In their report, the Canadian Military noted a “culture of fear” among exhausted and poorly paid workers who are afraid to speak out or question employer practices. Precarious and perilous conditions of employment in private residences have led to high staff turnover, disrupted care, dangerous communication issues during shift changes, poor continuity of care (especially important for seniors with dementia or Alzheimer’s), and little opportunity for staff to build meaningful, therapeutic relationships with residents.
The absence of any political will to address long-standing issues of neglect in LTC facilities impacts residents and workers alike. The exploitative labor practices in most LTC facilities have taken a huge toll on a predominantly female and racialized workforce. Recent research from the Canadian Union of Public Employees found that 88 percent of staff in LTC facilities endure physical violence, sexual harassment, and verbal abuse at work; 70 percent of racialized and indigenous staff experience routine racism; and 75 percent of those interviewed felt they were unable to provide adequate care due to staff shortages.
Staffing skills also impact quality of care and the well-being of the workers who are thrown into complex clinical situations without much support or training. It’s estimated that unregulated, nonprofessional workers provide 75 to 80 percent of direct care to nursing home residents in Canada. These workers are burdened with excessive and grueling work and an inordinate amount of responsibility. The current LTC system treats residents and care workers alike as highly disposable.
It Is Time for Universal, Publicly Funded Long-Term Care
Over the past few months, grieving families have launched class-action lawsuits against LTC facilities where they believe family members have died “unnecessary and preventable” COVID-19-related deaths. The province is also being held to legal account for its negligence and inaction — a Toronto-based firm has served the government notice of a proposed class-action suit following hundreds of avoidable illnesses and deaths during the pandemic.
Ontario premier Doug Ford has come to the swift defense of the for-profit LTC sector, introducing a bill to extend liability insurance to businesses, workers, and nonprofits. The government has given assurance that the law will not absolve health care providers of responsibility in the face of “gross negligence.” But personal injury lawyers and the center-left New Democratic Party have slammed the bill as dangerous on the grounds that it will make the definition of “negligence” open to debate. Codifying liability protection suggests an inherent mistrust of Canadian legal process and is a violation of democratic rights.

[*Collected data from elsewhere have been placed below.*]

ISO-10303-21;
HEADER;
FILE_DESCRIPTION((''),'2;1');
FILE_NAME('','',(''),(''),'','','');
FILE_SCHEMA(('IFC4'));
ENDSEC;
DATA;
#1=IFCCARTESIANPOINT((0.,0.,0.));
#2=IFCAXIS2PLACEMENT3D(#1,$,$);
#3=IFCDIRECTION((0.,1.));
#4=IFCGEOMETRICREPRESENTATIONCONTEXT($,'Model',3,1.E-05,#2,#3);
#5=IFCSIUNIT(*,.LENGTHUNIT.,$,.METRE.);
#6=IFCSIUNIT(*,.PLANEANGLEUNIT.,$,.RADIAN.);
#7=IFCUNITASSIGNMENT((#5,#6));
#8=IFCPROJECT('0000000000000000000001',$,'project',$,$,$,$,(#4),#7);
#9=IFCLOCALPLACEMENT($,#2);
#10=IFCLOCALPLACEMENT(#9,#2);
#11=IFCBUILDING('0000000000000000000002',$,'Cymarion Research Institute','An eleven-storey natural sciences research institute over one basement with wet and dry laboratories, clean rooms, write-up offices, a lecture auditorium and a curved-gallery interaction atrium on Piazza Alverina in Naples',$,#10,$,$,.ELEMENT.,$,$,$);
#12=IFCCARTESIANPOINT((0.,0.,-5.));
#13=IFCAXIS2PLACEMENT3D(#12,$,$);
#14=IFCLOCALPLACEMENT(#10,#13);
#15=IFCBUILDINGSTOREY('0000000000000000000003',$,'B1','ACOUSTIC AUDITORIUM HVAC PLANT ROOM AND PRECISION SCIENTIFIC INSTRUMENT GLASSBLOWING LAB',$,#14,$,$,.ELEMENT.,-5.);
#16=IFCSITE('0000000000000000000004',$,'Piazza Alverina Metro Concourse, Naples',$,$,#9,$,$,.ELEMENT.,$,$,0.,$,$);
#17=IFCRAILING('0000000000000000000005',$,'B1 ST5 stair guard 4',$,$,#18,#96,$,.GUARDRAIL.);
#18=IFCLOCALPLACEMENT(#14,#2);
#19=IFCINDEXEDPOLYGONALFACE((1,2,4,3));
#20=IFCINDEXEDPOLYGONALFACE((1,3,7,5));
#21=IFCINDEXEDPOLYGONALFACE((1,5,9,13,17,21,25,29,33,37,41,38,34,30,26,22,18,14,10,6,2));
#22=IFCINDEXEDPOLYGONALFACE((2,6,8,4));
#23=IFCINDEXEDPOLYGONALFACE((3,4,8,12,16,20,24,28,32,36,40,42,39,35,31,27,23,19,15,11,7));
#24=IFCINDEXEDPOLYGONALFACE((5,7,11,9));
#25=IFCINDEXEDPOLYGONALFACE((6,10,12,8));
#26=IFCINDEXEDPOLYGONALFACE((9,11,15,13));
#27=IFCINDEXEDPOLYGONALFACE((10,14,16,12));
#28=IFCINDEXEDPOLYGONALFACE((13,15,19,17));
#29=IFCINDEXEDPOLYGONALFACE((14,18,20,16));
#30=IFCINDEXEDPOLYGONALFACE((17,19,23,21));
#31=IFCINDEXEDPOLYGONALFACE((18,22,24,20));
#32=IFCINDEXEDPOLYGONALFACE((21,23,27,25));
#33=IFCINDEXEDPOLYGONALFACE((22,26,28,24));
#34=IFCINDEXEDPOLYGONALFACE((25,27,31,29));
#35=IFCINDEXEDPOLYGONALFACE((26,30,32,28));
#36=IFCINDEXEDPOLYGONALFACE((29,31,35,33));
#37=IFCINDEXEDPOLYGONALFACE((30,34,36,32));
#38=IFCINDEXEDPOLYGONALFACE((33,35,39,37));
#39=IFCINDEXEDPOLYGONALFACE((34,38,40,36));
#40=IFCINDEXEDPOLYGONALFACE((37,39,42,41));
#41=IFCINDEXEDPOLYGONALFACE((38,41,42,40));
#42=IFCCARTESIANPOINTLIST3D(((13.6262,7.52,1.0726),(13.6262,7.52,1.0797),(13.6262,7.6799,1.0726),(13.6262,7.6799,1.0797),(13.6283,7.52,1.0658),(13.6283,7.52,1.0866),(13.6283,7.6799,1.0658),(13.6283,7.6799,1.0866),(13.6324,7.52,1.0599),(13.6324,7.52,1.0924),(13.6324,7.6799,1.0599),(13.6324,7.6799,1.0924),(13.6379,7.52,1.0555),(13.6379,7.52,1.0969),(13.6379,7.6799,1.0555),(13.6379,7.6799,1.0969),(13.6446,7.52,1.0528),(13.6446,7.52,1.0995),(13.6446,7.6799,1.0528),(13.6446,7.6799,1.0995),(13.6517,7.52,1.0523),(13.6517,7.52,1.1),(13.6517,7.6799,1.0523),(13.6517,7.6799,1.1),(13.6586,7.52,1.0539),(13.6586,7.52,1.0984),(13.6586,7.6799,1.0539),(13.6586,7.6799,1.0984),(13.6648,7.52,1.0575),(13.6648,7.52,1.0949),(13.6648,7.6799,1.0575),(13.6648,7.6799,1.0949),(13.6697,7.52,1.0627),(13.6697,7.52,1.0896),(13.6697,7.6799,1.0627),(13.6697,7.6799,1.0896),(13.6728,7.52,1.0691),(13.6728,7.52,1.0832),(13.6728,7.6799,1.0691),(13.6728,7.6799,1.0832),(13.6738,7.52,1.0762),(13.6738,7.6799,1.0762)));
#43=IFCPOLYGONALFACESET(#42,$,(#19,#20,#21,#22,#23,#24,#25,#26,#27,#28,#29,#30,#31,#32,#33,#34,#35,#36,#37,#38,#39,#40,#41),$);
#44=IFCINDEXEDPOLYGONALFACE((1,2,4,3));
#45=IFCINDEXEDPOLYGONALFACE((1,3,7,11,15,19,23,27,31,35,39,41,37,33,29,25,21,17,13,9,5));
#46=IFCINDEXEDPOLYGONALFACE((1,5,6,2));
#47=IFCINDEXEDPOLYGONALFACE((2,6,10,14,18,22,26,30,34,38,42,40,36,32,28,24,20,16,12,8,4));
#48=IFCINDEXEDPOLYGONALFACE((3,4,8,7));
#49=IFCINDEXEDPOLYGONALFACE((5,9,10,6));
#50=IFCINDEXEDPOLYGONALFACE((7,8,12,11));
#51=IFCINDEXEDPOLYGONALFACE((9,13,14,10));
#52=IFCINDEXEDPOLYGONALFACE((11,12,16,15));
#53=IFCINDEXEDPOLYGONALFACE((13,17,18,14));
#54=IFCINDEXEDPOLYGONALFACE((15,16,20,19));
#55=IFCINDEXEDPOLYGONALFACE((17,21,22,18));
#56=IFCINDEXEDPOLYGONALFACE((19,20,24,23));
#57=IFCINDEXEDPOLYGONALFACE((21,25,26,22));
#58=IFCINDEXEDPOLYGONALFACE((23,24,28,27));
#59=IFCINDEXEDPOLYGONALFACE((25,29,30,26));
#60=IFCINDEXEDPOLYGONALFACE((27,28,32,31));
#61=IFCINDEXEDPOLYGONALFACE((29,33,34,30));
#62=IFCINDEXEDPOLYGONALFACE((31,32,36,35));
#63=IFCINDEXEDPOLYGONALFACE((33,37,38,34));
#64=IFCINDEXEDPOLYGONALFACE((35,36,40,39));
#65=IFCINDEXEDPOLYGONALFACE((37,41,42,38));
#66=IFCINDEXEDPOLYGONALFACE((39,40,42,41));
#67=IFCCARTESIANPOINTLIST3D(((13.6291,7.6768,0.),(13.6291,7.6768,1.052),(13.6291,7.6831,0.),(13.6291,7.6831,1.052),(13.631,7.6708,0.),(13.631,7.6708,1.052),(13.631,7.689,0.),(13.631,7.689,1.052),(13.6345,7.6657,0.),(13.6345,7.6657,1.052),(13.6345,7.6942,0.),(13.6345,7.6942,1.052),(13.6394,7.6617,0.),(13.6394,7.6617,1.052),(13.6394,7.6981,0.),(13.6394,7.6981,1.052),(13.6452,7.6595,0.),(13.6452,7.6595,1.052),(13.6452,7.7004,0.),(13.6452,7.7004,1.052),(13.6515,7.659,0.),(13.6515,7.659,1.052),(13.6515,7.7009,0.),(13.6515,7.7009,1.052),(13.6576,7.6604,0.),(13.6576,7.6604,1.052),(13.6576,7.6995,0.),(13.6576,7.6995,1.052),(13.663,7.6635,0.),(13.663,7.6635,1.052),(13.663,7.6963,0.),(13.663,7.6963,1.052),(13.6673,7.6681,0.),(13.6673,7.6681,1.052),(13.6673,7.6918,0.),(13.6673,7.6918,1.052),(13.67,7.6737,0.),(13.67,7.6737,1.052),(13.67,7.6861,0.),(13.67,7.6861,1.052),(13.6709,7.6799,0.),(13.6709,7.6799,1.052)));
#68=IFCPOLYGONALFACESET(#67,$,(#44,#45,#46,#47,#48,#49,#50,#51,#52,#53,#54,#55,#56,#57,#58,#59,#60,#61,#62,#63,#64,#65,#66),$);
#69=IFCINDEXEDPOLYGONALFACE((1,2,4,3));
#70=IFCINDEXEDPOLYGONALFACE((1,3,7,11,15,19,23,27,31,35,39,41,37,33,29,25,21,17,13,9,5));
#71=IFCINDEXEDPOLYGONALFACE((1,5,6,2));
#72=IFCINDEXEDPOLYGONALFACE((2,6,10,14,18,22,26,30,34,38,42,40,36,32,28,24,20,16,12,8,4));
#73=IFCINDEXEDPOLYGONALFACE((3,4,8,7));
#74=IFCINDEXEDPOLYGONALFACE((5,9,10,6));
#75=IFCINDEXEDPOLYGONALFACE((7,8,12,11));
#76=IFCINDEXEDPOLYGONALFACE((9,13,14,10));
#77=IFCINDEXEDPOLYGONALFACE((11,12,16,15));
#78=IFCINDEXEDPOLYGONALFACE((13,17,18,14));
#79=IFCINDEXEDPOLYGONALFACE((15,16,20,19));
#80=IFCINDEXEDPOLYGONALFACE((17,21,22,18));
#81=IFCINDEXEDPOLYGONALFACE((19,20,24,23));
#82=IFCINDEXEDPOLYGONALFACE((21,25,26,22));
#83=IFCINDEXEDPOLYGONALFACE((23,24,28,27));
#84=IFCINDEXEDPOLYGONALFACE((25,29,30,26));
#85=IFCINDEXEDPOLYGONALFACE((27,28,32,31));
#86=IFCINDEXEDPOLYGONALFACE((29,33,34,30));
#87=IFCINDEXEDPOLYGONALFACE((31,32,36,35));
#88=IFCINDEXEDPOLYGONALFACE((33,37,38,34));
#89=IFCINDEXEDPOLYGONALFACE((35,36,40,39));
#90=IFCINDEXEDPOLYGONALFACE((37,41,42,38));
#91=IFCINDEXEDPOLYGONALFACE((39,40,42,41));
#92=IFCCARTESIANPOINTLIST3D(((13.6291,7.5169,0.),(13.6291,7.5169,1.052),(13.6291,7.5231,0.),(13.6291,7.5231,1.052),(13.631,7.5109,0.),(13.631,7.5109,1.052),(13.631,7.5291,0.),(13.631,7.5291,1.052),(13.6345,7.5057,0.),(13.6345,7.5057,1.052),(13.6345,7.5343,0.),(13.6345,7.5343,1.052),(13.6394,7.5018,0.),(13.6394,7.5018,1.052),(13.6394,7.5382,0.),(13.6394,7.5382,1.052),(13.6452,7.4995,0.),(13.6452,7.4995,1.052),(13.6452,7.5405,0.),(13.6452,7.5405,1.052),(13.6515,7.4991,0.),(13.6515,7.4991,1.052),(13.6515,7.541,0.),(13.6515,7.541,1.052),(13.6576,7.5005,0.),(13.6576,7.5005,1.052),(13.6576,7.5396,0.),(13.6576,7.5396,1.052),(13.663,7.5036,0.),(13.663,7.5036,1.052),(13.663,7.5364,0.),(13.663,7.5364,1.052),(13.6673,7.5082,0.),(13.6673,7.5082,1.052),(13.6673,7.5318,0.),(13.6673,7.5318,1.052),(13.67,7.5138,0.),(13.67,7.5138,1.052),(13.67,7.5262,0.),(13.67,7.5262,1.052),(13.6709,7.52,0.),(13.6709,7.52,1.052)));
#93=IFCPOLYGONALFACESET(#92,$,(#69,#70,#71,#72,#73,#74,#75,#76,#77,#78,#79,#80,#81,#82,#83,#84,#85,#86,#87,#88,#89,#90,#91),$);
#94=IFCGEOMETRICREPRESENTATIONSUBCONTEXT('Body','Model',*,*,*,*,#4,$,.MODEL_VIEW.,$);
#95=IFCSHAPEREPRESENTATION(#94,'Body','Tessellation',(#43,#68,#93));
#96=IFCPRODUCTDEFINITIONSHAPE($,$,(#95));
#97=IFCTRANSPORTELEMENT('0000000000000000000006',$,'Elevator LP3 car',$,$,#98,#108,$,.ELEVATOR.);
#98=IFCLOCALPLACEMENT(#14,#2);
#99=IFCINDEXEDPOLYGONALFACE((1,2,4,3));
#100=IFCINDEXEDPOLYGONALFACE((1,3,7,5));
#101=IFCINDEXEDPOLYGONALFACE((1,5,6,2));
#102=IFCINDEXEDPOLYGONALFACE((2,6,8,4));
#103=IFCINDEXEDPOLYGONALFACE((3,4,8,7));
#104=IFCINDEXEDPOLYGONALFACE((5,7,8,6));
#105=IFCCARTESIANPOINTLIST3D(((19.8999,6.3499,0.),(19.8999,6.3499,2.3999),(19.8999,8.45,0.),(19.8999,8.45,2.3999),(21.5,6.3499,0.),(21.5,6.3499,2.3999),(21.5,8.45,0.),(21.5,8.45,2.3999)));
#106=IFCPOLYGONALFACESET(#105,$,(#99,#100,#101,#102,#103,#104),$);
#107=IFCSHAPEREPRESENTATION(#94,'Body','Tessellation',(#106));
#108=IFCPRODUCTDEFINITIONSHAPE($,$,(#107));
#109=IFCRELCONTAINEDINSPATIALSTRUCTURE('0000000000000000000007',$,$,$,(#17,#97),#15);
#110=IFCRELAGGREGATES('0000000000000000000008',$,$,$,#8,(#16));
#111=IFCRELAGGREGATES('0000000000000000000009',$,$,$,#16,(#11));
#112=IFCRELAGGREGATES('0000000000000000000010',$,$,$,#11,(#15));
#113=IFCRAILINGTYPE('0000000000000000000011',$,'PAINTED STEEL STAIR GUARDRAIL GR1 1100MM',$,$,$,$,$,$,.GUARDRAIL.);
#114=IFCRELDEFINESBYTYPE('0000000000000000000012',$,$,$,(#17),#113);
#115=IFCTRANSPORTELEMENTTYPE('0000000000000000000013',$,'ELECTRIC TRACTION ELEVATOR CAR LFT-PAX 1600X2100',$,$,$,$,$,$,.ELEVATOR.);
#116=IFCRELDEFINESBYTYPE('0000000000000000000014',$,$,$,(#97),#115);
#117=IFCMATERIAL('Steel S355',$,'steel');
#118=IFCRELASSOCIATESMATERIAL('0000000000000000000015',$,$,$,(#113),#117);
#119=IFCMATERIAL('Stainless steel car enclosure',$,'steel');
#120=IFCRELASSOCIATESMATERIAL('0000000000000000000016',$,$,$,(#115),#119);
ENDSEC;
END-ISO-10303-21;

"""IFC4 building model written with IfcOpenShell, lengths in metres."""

from ifc_helpers import new_model, si_unit, direction, frame, origin, origin_2d, place, context, subcontext, project, spatial, rectangle, circle, extrude, material, type_object, element, save


model = new_model("IFC4")

# Units and contexts
model_context = context("Model", 3, precision=1e-05, world=origin(), true_north=direction((0.0, 1.0)))
body_context = subcontext(model_context, "Body", "Model", "MODEL_VIEW")
ifc_project = project(units=[si_unit("LENGTHUNIT", "METRE"), si_unit("PLANEANGLEUNIT", "RADIAN")], contexts=[model_context])

# Site, building, storey
site_placement = place(None, origin())
site = spatial("IfcSite", under=ifc_project, at=site_placement, Name="Piazza Alverina Metro Concourse, Naples", CompositionType="ELEMENT", RefElevation=0.0)
building_placement = place(site_placement, origin())
building = spatial("IfcBuilding", under=site, at=building_placement, Name="Cymarion Research Institute", Description="An eleven-storey natural sciences research institute over one basement with wet and dry laboratories, clean rooms, write-up offices, a lecture auditorium and a curved-gallery interaction atrium on Piazza Alverina in Naples", CompositionType="ELEMENT")
storey_placement = place(building_placement, frame((0.0, 0.0, -5.0)))
storey = spatial("IfcBuildingStorey", under=building, at=storey_placement, Name="B1", Description="ACOUSTIC AUDITORIUM HVAC PLANT ROOM AND PRECISION SCIENTIFIC INSTRUMENT GLASSBLOWING LAB", CompositionType="ELEMENT", Elevation=-5.0)

# Shared definitions
ifc_material_1 = material(Name="Steel S355", Category="steel")

# Railing
railing_type = type_object("IfcRailingType", Name="PAINTED STEEL STAIR GUARDRAIL GR1 1100MM", PredefinedType="GUARDRAIL", material=ifc_material_1)
railing_1_placement = place(storey_placement, frame((13.6499, 7.6799, 0.0)))
element("IfcRailing", 1, at=railing_1_placement, inside=storey, type_object=railing_type, Name="B1 ST5 stair guard 4", PredefinedType="GUARDRAIL", context=body_context, shape_type="SweptSolid", body=[
    extrude(circle(Radius=0.0239, at=origin_2d()), frame((0.0, 0.0, 1.0762), z_axis=(0.0, -1.0, 0.0), x_axis=(1.0, 0.0, 0.0)), (0.0, 0.0, 1.0), 0.1599),
    extrude(circle(Radius=0.021, at=origin_2d()), origin(), (0.0, 0.0, 1.0), 1.052),
    extrude(circle(Radius=0.021, at=origin_2d()), frame((0.0, -0.1599, 0.0)), (0.0, 0.0, 1.0), 1.052),
])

Prioritizing liability concerns is all about preserving markets rather than protecting some of the most vulnerable members of our communities. Liability protection might shield homes from some undue indemnity costs, but it offers little to no incentive to these companies to enact meaningful change.

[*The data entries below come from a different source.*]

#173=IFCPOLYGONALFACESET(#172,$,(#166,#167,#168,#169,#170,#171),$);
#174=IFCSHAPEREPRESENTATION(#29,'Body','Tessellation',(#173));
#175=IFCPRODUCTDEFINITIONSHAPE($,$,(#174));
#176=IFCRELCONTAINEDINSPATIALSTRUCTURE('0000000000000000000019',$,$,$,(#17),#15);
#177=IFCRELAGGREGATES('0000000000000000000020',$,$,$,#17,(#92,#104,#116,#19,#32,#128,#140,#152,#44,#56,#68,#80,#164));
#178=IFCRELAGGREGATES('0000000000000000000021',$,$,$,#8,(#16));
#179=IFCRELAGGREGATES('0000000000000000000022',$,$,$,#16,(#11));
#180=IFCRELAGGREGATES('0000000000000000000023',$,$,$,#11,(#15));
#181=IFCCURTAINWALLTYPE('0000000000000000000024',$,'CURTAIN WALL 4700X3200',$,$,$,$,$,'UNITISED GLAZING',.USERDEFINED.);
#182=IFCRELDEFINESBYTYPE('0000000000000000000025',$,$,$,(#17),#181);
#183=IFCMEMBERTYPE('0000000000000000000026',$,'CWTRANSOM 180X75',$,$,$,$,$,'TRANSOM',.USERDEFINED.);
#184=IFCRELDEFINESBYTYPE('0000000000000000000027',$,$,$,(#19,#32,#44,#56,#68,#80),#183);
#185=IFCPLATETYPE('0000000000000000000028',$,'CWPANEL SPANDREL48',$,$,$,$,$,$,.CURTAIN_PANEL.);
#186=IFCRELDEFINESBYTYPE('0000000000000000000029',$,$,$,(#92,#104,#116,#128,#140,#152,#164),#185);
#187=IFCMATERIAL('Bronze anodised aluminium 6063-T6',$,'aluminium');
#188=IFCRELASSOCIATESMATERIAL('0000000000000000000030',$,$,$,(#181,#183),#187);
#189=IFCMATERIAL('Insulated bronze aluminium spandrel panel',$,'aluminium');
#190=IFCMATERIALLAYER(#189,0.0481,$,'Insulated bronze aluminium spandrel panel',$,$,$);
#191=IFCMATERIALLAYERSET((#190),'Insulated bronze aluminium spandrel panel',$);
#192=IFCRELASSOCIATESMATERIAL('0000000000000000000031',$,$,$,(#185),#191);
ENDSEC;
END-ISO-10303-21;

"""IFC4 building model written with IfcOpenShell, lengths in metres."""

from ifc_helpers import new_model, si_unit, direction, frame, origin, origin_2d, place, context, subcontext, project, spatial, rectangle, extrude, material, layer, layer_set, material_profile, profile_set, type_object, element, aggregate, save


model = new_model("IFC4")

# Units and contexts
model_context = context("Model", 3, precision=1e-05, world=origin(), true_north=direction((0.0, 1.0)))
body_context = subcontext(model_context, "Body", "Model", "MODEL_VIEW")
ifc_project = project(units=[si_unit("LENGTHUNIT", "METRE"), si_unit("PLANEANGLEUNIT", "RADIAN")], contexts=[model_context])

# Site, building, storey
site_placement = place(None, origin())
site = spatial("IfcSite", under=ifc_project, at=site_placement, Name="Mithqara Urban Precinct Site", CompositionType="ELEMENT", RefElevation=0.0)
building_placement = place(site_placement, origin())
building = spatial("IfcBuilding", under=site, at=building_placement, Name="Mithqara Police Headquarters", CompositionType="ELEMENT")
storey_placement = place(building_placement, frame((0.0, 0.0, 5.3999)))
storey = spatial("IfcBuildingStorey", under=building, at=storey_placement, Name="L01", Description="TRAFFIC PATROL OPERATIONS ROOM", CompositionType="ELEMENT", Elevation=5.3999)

In order to be accessible, we need to eliminate waiting lists and provide enough beds to meet growing needs. It may not be easy to change ownership models in the middle of a crisis, but some countries have moved in this direction. This past spring, Spain nationalized its private hospitals and care providers.

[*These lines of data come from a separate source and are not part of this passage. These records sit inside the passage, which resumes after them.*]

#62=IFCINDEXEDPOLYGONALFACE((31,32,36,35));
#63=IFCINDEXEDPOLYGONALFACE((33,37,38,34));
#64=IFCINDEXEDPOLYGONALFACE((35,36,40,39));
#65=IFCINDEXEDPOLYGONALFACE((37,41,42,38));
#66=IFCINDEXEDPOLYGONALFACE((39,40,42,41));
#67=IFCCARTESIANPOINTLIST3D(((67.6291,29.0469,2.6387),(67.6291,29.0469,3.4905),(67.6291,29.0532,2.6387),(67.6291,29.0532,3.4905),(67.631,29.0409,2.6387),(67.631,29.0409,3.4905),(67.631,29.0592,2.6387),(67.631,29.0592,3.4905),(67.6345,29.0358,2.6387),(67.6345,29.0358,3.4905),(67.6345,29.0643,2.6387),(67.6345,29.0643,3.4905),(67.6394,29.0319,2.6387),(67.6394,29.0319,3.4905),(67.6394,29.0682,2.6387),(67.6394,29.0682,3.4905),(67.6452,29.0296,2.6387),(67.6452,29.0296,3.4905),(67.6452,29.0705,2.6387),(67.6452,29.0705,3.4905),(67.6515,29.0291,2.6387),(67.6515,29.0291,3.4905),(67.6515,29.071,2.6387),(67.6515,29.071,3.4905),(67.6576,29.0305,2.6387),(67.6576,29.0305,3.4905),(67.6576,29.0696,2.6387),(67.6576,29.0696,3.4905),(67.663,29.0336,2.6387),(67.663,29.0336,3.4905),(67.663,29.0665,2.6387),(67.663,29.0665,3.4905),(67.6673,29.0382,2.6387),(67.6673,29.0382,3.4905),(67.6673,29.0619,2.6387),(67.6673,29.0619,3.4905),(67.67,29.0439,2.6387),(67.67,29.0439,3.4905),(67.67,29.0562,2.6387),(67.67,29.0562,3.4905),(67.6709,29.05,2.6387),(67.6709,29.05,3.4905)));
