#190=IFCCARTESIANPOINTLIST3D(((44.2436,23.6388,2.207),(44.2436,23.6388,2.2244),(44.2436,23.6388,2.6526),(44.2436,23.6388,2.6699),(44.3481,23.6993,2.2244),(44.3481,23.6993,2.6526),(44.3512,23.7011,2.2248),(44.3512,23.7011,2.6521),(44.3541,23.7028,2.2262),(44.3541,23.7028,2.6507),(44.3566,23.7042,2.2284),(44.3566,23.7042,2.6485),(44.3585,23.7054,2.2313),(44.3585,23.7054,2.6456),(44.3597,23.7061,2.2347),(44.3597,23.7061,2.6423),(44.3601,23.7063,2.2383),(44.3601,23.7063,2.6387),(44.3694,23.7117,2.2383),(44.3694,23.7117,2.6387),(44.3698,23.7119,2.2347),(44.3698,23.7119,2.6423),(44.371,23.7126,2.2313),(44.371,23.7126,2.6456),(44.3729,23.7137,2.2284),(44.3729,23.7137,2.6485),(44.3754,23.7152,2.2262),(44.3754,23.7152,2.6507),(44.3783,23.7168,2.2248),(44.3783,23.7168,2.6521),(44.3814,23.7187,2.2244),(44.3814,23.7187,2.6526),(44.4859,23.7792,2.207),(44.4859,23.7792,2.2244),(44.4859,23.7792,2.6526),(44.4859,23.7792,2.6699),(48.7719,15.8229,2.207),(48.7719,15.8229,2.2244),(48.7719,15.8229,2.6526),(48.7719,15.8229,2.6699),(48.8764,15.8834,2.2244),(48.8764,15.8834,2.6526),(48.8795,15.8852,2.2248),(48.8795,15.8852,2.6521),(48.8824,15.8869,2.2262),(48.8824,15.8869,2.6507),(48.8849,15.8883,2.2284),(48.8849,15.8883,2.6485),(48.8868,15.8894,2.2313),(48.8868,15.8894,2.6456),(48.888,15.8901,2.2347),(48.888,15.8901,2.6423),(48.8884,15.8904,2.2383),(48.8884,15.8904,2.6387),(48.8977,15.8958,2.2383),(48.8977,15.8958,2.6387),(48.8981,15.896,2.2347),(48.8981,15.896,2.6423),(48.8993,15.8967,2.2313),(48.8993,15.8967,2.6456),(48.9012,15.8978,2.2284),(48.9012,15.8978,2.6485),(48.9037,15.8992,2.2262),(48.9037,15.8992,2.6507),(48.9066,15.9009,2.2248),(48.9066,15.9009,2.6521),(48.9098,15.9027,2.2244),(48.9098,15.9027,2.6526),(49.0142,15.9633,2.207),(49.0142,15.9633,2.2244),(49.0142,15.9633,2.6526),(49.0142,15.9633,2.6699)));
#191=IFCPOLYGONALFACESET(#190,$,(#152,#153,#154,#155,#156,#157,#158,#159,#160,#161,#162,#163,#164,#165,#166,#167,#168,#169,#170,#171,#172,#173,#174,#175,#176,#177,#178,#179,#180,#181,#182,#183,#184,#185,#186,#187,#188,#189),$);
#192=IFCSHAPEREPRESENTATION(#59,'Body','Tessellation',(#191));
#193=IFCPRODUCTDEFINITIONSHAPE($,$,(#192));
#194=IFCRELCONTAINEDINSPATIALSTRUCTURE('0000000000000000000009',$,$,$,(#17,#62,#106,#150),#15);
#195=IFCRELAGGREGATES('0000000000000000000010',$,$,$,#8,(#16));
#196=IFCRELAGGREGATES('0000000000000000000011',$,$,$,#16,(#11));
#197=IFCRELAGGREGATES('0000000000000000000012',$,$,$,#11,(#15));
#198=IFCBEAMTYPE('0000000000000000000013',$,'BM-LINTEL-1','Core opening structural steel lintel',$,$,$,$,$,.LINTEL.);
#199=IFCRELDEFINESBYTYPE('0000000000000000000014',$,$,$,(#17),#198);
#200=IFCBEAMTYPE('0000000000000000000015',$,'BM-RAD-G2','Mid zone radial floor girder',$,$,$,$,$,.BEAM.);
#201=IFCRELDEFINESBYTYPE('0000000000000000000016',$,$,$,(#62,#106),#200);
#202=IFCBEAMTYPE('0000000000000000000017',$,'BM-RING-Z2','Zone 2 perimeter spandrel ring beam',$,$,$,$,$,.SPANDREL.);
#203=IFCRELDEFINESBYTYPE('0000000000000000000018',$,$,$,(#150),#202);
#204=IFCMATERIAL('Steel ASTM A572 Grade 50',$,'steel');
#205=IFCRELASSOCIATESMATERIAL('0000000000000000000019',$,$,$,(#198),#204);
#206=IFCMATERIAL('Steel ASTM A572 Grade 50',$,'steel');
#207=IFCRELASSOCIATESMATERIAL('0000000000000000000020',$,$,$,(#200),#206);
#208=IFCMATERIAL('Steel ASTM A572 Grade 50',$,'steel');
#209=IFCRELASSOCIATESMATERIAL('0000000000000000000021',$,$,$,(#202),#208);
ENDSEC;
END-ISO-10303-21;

The LTC crisis in Ontario, and elsewhere, offers the opportunity to reimagine elder care environments as rewarding places to work and centers of compassion. This means, among other things, supporting workers by ensuring living wages; appropriate training; health benefits; full-time employment; adequate staffing; and paid sick days; as well as meeting the physical, social, and emotional needs of residents.
The contingent nature of life affects every stage of our existence. But the more we view health care, including long-term care, as a universal right, the more we can mitigate the harmful impact of life’s exigencies on our well-being. Long-term care should not be a commodity. It should be an essential component of a profoundly important stage of life that everyone deserves to experience in comfort and dignity.